Eine dreitägige inhalative Behandlung mit dem Antibiotikum Amikacin hat in einer multizentrischen, randomisierten Studie bei Patienten, die auf einer Intensivstation seit mindestens drei Tagen invasiv beatmet wurden, die Zahl der beatmungsassoziierten Pneumonien (VAP) gesenkt und deren Komplikationen vermieden.

Die beatmungsassoziierte Pneumonie (VAP) ist weltweit die häufigste nosokomiale Infektion, wobei oft oropharyngeale Bakterien die Auslöser sind. Die Bakterien, die sich zunächst in einem Biofilm auf der Tubusoberfläche vermehren, gelangen über den Tubus in die unteren Atemwege. Die Sterberate beträgt trotz Antibiotikatherapien bis zu 13%, wobei die meisten Todesfälle nach etwa sieben Tagen auftreten. Die Prävention beschränkt sich bisher weitgehend auf hygienische Maßnahmen.

In einer von Intensivmedizinern aus Frankreich initiierten randomisierten, kontrollierten Studie wurden 847 kritisch kranke Patienten in die Analyse einbezogen, die auf 17 französischen Intensivstationen mindestens 72 Stunden lang invasiv mechanisch beatmet wurden. Die Patienten erhielten entweder über drei Tage einmal täglich über einen Inhalator für etwa 45 min Amikacin oder eine Kochsalzlösung. Die Dosis betrug 20mg/kg (ideales) Körpergewicht. In der Studie waren dies insgesamt durchschnittlich 1,625mg Amikacin pro Tag.

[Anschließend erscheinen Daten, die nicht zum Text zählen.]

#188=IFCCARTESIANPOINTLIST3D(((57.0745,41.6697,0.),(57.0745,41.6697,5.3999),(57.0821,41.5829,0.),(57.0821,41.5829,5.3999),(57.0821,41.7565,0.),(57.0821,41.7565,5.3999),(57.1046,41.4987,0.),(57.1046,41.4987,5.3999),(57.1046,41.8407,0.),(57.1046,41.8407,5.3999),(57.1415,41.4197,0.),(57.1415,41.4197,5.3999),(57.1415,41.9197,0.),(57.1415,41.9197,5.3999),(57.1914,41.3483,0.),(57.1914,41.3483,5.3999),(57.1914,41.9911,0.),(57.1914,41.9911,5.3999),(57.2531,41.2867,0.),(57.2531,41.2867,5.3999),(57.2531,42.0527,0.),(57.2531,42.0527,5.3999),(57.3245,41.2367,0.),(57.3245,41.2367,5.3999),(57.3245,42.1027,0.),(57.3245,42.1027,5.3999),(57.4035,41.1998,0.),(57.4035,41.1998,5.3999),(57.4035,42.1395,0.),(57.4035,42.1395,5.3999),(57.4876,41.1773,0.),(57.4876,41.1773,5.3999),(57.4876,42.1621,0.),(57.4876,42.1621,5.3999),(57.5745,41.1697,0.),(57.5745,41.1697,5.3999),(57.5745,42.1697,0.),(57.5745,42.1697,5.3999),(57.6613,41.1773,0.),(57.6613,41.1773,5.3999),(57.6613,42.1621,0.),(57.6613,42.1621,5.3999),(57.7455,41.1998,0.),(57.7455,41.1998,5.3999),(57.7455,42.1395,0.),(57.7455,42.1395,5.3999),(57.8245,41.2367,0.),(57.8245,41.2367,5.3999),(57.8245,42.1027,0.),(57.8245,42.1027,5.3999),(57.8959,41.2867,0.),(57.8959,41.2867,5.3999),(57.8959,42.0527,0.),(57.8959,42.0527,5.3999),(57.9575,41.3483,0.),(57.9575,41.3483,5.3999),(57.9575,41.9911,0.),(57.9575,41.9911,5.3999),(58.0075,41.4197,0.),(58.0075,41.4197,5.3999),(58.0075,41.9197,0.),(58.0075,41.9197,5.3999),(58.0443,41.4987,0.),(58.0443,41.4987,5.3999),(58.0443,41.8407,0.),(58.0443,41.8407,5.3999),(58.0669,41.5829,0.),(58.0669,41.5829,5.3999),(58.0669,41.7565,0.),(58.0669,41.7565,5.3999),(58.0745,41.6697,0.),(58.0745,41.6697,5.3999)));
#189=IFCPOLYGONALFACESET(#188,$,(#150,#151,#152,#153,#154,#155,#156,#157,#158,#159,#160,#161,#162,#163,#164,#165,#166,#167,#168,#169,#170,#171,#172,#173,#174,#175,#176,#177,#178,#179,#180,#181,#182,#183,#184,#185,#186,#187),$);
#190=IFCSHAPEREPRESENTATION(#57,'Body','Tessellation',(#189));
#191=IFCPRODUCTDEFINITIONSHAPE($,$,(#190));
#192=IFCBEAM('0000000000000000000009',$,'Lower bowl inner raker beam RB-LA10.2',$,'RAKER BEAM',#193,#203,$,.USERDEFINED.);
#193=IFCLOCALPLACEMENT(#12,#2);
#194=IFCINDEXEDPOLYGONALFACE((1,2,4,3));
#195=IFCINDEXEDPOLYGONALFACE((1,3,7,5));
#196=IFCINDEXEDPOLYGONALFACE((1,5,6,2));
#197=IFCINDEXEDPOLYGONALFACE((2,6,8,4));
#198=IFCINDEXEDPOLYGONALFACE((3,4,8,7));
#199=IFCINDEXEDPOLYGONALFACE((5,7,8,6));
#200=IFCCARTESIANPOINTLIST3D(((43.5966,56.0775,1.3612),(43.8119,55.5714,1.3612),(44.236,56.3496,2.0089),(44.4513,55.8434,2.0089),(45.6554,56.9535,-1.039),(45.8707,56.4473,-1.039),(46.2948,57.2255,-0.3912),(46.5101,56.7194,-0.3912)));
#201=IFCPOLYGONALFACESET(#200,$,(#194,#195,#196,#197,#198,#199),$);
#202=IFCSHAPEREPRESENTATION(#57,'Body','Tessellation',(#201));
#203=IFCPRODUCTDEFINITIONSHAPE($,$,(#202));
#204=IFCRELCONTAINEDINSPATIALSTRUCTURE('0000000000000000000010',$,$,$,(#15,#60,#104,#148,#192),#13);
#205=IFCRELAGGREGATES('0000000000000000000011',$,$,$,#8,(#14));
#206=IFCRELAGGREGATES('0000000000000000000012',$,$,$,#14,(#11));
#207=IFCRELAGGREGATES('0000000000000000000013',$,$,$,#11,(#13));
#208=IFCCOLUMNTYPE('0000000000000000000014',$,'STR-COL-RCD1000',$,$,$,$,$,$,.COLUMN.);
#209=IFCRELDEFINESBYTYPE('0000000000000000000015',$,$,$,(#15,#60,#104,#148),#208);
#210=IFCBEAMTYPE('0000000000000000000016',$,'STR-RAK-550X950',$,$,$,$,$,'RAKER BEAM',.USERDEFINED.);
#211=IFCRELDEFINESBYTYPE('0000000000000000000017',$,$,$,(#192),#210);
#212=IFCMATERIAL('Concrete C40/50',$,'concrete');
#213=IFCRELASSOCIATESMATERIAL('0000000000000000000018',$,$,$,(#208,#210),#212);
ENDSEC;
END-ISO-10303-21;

Alle drei täglichen Inhalationen wurden von 337 Patienten (81%) in der Verum-Gruppe und 355 Patienten (82%) in der Placebo-Gruppe durchgeführt. In der Amikacin-Gruppe kam es bei 62 Patienten (15%) innerhalb von 28 Tagen zu einer VAP gegenüber 95 Patienten (22%) in der Placebo-Gruppe. Der Unterschied war statistisch signifikant (P = 0,004).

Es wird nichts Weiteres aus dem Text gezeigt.